A similar but different cognitive error is outcome bias, which refers to the tendency to judge a decision by its eventual outcome. It’s important to understand that every outcome – successful or not – is the result of a gamble. The overall complexity of our web systems always poses unknowns. We can’t eliminate uncertainty.
After an incident has occurred, a postmortem might find that the system has a history of “almost incidents” and that operators should have recognized the degradation in system performance before it was too late. That’s an oversimplified view though. System operations are dynamic. Failing components and human beings are being replaced all the time. Attribution is not that simple.
We therefore need to be cautious of hindsight bias and its friends, and never ignore other driving forces, especially production pressure, when looking for root causes after an incident has occurred.
Human error is never a root cause
It’s the easiest thing in the world to point the finger at others when things go wrong. And unfortunately, many companies still blame people for mistakes when they should really blame – and fix – their broken processes.
Blameless postmortems only work if we assume that everyone involved in an incident had good intentions. This ties in with the Retrospective Prime Directive (a postmortem is a special form of a retrospective), which says:
Regardless of what we discover, we understand and truly believe that everyone did the best job they could, given what they knew at the time, their skills and abilities, the resources available, and the situation at hand.
Human error is NOT a root cause.
We should rather look for flaws in systems and processes – the causes contributing to failure – and implement measures so that the same issues don’t happen again. It requires systems thinking, which focuses on cyclical rather than linear cause and effect, to view the system as a whole in order to find out how it drifted into failure – both at a technical and organizational level.
Here’s one of my favorite passages on the topic, taken from the SRE book:
When postmortems shift from allocating blame to investigating the systematic reasons why an individual or team had incomplete or incorrect information, effective prevention plans can be put in place. You can’t “fix” people, but you can fix systems and processes to better support people making the right choices when designing and maintaining complex systems.

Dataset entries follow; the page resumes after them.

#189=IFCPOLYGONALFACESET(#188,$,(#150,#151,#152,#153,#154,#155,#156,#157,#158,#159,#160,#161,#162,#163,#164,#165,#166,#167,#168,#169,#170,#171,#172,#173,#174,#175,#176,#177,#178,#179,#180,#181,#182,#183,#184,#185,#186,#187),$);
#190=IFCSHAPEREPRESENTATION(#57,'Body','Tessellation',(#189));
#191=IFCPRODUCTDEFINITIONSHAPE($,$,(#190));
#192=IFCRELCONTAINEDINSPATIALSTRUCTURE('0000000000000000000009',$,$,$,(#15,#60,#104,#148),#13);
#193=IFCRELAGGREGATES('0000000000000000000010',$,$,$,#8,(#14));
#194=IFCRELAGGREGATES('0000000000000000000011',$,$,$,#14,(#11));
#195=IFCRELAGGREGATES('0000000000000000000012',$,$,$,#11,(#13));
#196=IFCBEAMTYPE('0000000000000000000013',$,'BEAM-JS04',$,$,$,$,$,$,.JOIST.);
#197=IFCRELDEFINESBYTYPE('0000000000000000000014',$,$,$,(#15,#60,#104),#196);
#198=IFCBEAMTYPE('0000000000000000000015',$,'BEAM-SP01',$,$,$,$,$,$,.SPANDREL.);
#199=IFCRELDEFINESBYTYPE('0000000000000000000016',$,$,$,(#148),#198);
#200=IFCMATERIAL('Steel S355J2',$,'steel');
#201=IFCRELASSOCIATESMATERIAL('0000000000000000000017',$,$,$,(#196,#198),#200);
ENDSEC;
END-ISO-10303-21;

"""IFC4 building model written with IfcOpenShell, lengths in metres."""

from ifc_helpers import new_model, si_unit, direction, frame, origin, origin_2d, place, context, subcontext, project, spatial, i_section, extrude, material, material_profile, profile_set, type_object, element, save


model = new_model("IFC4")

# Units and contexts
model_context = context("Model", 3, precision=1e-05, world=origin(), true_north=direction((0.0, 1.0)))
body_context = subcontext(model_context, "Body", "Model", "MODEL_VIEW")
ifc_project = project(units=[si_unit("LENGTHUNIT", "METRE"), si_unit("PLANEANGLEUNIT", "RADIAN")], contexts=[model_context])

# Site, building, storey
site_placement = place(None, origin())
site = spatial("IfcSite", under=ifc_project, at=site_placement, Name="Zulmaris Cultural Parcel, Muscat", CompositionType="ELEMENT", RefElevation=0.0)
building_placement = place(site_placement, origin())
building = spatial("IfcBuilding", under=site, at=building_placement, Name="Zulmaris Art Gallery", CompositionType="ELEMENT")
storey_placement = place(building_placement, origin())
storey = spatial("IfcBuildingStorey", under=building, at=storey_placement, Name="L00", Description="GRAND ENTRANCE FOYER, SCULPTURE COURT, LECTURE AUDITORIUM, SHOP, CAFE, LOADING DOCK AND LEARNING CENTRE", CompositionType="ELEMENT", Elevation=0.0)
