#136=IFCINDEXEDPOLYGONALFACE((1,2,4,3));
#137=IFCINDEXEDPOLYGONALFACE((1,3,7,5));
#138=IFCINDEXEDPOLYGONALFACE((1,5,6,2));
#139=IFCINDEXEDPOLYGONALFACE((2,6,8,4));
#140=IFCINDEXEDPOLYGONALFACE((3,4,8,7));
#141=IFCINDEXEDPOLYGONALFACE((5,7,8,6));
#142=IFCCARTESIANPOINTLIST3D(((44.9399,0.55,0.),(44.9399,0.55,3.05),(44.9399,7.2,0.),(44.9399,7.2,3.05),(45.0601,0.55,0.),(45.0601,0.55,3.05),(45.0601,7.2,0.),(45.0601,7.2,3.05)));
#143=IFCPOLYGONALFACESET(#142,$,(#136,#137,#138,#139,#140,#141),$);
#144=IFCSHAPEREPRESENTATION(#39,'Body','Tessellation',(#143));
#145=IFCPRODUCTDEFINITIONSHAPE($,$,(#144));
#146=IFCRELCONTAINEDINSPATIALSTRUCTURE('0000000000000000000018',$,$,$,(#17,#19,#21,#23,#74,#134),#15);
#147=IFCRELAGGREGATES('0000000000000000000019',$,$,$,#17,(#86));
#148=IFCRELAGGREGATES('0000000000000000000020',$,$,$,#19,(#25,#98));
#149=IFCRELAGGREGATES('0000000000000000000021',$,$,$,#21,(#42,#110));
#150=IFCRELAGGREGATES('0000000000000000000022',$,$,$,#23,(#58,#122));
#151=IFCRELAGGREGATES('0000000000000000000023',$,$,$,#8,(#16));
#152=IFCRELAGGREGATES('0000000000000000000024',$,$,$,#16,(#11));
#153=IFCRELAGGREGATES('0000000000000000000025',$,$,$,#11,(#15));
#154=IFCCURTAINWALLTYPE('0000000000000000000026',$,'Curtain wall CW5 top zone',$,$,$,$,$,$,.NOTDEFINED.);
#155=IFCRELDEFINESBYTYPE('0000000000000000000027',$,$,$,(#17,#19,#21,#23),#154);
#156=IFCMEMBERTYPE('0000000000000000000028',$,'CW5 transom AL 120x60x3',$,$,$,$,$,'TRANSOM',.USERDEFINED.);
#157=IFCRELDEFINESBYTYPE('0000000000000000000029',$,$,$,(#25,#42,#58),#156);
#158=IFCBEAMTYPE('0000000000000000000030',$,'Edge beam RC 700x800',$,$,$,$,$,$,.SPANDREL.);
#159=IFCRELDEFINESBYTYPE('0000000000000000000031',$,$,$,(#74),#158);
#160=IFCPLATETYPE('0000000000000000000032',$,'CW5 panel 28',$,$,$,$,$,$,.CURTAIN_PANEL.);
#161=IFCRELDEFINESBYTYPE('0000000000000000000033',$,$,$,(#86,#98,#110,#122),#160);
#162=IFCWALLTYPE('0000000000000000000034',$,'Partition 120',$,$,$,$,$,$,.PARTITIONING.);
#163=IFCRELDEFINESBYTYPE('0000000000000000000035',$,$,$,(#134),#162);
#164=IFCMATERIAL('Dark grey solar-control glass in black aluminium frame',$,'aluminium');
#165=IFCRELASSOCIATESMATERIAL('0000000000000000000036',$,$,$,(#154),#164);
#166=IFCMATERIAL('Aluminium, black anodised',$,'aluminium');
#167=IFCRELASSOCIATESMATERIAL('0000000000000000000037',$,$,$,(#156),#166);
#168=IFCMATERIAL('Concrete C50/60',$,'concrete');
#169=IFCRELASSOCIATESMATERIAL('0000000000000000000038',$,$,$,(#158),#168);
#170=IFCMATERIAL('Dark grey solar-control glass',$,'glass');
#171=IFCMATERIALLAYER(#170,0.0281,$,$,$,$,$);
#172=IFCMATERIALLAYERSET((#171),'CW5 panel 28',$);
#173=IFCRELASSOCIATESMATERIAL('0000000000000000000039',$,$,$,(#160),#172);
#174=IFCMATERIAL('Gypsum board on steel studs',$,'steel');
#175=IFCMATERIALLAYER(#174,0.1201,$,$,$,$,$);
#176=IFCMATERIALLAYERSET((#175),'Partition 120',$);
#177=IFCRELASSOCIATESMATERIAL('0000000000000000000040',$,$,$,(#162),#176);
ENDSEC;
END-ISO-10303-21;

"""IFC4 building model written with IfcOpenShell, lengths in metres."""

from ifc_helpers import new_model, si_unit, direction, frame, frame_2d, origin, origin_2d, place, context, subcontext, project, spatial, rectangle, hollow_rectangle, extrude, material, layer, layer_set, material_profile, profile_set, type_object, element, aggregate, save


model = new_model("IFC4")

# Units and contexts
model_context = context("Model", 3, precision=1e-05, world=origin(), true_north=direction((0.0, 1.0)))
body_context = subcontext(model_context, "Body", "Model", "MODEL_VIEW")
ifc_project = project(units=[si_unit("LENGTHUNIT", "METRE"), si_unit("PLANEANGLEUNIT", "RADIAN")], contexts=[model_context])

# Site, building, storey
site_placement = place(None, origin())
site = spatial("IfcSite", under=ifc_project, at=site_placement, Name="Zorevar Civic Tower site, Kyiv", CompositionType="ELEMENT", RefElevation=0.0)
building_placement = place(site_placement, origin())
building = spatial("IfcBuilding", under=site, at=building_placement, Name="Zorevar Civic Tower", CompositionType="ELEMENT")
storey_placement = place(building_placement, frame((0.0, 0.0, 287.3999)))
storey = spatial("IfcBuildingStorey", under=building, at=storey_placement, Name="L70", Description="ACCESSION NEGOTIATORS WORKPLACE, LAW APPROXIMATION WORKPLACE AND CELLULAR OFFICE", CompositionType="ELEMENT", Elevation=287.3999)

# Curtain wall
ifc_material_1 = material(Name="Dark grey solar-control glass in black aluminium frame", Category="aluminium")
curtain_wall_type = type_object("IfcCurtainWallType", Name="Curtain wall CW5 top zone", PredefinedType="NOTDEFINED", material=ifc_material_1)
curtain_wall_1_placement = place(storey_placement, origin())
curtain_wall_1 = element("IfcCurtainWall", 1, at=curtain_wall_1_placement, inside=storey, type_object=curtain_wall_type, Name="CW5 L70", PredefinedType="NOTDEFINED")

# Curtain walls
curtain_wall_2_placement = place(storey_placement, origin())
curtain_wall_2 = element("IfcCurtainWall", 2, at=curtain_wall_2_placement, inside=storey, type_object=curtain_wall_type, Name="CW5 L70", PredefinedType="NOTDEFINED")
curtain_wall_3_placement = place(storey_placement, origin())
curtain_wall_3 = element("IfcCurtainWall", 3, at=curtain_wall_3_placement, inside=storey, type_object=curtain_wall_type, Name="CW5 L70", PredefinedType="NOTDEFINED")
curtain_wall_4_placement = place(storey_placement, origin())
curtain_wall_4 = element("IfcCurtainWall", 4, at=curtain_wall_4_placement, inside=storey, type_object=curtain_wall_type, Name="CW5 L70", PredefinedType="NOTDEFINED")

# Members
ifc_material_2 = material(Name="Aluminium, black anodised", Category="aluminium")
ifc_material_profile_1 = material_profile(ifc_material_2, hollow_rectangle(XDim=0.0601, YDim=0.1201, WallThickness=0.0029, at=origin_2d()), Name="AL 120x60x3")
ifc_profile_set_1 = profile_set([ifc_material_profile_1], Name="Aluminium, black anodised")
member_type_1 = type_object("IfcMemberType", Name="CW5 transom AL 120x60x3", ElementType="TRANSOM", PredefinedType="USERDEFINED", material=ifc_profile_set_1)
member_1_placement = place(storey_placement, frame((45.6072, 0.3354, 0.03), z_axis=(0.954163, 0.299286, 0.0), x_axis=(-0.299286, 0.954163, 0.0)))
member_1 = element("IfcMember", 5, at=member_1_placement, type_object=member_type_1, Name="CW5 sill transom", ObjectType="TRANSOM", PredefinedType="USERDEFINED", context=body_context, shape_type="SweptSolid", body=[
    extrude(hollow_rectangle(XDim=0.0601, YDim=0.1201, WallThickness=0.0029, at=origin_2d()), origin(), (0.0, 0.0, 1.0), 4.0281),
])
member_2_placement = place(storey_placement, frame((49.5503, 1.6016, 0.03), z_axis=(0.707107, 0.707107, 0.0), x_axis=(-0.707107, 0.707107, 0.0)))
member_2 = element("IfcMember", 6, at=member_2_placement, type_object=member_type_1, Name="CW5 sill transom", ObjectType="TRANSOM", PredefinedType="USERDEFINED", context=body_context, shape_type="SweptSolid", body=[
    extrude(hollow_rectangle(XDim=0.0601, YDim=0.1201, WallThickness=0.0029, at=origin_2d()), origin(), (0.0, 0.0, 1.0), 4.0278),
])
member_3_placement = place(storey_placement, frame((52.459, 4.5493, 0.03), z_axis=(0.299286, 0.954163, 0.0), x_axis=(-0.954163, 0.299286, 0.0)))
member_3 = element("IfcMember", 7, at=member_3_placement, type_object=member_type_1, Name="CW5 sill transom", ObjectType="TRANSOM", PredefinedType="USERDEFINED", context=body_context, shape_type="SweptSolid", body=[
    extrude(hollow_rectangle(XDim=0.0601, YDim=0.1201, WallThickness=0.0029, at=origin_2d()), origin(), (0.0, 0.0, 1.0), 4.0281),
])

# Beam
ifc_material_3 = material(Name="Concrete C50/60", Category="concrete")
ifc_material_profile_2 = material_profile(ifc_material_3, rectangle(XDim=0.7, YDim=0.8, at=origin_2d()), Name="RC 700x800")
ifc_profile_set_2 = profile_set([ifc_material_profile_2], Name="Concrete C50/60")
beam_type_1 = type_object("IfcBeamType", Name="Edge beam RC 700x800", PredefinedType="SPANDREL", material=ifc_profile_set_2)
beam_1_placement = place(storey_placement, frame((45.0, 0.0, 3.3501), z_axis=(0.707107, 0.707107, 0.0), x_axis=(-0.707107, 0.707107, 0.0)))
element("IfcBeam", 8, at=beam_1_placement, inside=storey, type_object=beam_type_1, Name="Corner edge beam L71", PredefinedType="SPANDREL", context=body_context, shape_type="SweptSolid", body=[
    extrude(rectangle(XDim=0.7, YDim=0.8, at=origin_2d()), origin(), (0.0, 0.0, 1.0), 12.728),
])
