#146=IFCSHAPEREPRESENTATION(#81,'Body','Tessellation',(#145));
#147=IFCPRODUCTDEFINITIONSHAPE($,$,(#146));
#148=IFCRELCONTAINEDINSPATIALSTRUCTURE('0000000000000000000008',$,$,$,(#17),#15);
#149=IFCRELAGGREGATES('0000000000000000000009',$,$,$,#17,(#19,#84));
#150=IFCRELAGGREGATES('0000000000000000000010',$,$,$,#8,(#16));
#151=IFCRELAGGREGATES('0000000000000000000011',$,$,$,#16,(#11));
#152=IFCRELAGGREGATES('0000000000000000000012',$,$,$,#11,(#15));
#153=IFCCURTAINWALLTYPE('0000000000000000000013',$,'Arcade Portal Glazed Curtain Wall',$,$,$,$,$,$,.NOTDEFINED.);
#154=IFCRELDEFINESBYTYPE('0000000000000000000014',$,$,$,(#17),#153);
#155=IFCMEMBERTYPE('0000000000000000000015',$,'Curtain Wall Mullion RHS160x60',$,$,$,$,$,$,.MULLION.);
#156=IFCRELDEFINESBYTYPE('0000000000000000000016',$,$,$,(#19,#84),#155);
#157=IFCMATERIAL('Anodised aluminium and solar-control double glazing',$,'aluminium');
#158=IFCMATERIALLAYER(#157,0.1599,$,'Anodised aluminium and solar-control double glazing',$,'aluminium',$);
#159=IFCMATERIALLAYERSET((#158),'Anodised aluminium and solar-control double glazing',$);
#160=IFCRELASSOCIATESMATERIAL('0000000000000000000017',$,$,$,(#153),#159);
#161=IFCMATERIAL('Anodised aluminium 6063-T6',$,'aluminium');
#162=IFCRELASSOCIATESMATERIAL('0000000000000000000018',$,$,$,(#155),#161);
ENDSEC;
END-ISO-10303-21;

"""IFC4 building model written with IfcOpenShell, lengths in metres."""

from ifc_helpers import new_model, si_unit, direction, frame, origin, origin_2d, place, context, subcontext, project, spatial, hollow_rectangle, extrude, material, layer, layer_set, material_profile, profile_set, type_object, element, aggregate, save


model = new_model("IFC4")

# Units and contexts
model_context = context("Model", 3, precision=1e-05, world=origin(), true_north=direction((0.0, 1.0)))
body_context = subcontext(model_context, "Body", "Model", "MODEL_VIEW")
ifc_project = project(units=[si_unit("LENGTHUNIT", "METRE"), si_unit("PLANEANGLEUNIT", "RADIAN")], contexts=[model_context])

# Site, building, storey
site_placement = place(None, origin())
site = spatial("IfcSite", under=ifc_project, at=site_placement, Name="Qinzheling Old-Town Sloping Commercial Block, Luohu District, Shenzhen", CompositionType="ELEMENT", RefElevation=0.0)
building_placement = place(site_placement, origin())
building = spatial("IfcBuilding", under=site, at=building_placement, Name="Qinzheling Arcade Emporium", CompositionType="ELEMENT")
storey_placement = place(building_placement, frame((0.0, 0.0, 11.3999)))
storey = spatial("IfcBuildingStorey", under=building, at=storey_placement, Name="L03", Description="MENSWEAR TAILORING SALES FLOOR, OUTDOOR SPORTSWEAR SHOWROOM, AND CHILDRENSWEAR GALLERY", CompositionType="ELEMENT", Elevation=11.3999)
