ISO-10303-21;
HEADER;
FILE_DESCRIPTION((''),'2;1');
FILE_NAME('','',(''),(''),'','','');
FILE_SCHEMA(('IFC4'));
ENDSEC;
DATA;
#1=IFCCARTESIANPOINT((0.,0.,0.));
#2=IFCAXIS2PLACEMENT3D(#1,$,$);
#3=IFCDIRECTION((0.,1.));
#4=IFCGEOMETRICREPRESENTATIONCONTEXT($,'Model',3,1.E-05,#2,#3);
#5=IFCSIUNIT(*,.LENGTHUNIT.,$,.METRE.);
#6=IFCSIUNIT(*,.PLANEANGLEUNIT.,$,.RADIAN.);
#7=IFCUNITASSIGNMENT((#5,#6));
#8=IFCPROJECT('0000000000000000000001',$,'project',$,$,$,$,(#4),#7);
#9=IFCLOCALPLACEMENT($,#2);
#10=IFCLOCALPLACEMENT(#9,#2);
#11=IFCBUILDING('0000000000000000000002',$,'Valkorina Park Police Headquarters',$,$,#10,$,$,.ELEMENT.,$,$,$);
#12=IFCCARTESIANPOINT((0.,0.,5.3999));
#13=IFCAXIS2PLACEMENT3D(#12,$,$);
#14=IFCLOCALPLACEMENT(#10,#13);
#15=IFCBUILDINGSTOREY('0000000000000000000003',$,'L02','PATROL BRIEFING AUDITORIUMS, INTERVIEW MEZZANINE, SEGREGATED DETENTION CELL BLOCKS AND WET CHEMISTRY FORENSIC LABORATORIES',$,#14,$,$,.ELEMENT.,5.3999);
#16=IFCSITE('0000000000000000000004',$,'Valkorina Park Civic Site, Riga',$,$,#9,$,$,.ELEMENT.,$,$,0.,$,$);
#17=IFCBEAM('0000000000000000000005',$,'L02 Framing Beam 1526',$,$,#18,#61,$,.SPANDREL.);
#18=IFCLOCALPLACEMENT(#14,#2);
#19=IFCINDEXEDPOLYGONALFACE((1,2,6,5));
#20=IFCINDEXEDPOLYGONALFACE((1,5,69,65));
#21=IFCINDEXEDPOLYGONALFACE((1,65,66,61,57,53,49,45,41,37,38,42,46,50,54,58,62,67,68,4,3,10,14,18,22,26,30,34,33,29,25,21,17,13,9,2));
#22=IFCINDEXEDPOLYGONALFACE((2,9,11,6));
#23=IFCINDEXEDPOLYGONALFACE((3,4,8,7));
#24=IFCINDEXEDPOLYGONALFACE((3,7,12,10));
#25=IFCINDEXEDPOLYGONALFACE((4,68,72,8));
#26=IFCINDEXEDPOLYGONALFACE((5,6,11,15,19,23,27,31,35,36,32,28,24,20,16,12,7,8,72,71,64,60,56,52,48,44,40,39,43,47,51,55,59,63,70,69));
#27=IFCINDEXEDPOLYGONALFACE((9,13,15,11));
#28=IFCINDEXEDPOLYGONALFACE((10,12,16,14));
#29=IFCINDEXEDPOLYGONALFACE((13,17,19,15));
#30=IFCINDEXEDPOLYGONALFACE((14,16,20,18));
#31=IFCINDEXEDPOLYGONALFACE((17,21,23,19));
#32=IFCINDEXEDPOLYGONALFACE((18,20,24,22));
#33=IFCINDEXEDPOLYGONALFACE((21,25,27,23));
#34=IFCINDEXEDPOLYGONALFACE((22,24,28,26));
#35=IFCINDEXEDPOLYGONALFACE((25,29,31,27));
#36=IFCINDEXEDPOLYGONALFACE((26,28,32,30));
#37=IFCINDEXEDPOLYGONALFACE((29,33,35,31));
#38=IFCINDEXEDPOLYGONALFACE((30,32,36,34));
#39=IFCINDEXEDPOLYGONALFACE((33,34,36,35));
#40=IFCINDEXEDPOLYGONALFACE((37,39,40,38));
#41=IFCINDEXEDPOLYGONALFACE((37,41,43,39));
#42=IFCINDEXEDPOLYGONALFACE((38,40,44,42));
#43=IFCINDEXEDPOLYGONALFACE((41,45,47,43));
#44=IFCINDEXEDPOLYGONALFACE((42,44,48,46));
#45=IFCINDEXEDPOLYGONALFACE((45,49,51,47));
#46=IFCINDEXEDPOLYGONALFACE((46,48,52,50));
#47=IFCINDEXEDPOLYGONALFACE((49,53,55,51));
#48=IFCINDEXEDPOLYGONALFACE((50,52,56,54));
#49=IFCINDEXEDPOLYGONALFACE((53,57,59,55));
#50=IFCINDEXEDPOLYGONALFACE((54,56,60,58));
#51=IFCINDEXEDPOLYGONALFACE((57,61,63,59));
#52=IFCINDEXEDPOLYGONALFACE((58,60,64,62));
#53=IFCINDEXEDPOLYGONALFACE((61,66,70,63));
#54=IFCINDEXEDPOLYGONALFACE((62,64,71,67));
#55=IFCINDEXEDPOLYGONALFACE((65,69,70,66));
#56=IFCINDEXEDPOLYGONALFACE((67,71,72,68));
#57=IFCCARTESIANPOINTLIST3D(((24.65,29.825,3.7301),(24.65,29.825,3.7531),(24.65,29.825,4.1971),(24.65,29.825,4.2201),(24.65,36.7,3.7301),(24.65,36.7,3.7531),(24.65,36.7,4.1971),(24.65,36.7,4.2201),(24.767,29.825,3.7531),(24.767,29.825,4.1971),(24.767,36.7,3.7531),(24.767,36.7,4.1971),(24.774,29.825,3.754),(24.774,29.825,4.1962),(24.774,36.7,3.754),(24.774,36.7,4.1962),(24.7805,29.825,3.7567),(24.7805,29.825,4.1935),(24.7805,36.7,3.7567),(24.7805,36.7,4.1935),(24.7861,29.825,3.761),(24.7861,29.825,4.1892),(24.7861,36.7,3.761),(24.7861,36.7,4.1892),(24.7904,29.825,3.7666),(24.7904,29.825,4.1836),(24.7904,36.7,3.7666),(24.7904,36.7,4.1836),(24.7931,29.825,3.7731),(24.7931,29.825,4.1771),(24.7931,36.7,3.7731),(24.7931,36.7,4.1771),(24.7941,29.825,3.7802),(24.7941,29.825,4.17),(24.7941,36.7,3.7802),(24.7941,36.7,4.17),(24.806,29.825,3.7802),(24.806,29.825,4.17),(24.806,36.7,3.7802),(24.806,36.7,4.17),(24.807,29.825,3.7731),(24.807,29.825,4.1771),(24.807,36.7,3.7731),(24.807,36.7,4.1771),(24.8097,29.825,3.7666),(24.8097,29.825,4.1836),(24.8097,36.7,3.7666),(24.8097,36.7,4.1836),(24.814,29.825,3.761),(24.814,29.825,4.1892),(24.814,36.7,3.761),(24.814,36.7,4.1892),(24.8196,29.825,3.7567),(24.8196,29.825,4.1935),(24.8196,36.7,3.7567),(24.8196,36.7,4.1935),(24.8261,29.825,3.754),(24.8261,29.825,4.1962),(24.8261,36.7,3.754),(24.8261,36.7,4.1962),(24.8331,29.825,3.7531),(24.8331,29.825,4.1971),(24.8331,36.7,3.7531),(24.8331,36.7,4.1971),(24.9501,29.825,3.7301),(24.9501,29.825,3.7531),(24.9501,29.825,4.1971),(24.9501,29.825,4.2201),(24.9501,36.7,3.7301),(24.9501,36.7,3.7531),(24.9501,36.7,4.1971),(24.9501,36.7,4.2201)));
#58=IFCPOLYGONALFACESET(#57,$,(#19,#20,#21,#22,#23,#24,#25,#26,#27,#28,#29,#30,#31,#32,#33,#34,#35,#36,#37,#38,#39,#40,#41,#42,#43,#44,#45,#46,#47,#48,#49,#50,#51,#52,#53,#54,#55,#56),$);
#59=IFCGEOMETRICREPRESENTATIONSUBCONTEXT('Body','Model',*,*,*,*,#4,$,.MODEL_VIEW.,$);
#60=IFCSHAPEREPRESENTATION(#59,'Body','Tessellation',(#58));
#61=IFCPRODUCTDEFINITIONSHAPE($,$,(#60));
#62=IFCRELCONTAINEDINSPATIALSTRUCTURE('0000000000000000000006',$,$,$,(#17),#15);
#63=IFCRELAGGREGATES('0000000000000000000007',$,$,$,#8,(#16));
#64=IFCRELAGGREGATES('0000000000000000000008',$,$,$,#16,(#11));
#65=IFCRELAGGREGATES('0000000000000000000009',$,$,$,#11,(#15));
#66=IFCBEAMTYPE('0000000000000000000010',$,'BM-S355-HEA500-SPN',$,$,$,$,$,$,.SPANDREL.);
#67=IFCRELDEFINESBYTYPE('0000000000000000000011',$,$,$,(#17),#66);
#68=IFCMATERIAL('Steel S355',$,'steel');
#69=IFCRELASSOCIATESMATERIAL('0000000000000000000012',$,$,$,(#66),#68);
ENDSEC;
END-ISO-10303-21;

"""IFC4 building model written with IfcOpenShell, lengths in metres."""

from ifc_helpers import new_model, si_unit, direction, frame, origin, origin_2d, place, context, subcontext, project, spatial, i_section, extrude, material, material_profile, profile_set, type_object, element, save


model = new_model("IFC4")

# Units and contexts
model_context = context("Model", 3, precision=1e-05, world=origin(), true_north=direction((0.0, 1.0)))
body_context = subcontext(model_context, "Body", "Model", "MODEL_VIEW")
ifc_project = project(units=[si_unit("LENGTHUNIT", "METRE"), si_unit("PLANEANGLEUNIT", "RADIAN")], contexts=[model_context])

# Site, building, storey
site_placement = place(None, origin())
site = spatial("IfcSite", under=ifc_project, at=site_placement, Name="Valkorina Park Civic Site, Riga", CompositionType="ELEMENT", RefElevation=0.0)
building_placement = place(site_placement, origin())
building = spatial("IfcBuilding", under=site, at=building_placement, Name="Valkorina Park Police Headquarters", CompositionType="ELEMENT")
storey_placement = place(building_placement, frame((0.0, 0.0, 5.3999)))
storey = spatial("IfcBuildingStorey", under=building, at=storey_placement, Name="L02", Description="PATROL BRIEFING AUDITORIUMS, INTERVIEW MEZZANINE, SEGREGATED DETENTION CELL BLOCKS AND WET CHEMISTRY FORENSIC LABORATORIES", CompositionType="ELEMENT", Elevation=5.3999)

# Shared definitions
ifc_material_1 = material(Name="Steel S355", Category="steel")

# Beam
ifc_material_profile_1 = material_profile(ifc_material_1, i_section(OverallWidth=0.3, OverallDepth=0.49, WebThickness=0.012, FlangeThickness=0.0229, FilletRadius=0.0271, at=origin_2d()), Name="HEA 500")
ifc_profile_set_1 = profile_set([ifc_material_profile_1], Name="Steel S355")
beam_type = type_object("IfcBeamType", Name="BM-S355-HEA500-SPN", PredefinedType="SPANDREL", material=ifc_profile_set_1)
beam_1_placement = place(storey_placement, frame((24.8, 29.825, 3.9751), z_axis=(0.0, 1.0, 0.0), x_axis=(-1.0, 0.0, 0.0)))
element("IfcBeam", 1, at=beam_1_placement, inside=storey, type_object=beam_type, Name="L02 Framing Beam 1526", PredefinedType="SPANDREL", context=body_context, shape_type="SweptSolid", body=[
    extrude(i_section(OverallWidth=0.3, OverallDepth=0.49, WebThickness=0.012, FlangeThickness=0.0229, FilletRadius=0.0271, at=origin_2d()), origin(), (0.0, 0.0, 1.0), 6.875),
])

save(model, "model.ifc")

Does this mean that operators are off the hook? No, not at all. They’re the ones with the most knowledge surrounding the incident. For example, they know first-hand how the system failed in surprising ways. Hence, they’re responsible for finding ways to make the system more resilient – including writing a postmortem.
Practical example
Let’s wrap this up with an example from an actual postmortem.
Last time I told you a story about a recent outage at Jimdo. In a nutshell: To fix a broken deployment of our API service, I wanted to delete the corresponding ECS service in our AWS staging account. Unfortunately, I actually removed the service in our production account, causing our API to be down for half an hour. Oops!
In the postmortem that followed, we identified two root causes:
- The tool we’re using to log into AWS accounts made it difficult to figure out in which account one operates. This contributed to deleting the ECS service in the wrong account. (We subsequently improved the tool to show more helpful environment information.)
- The component that deploys services to our PaaS didn’t notice that the underlying ECS service was gone and still tried to update the (non-existing) service – which failed. This made it impossible to re-deploy the API service without manually removing all remaining pieces of the original service. (We’ve since fixed the operation to be idempotent.)
I’m sure that if we had looked closer, we would have found more root causes contributing to the failure, but we stopped here, made our homework, and moved on.
One more time: You can’t fix people, but you can fix systems and processes to better support them.
Keep this in mind when you write your next postmortem.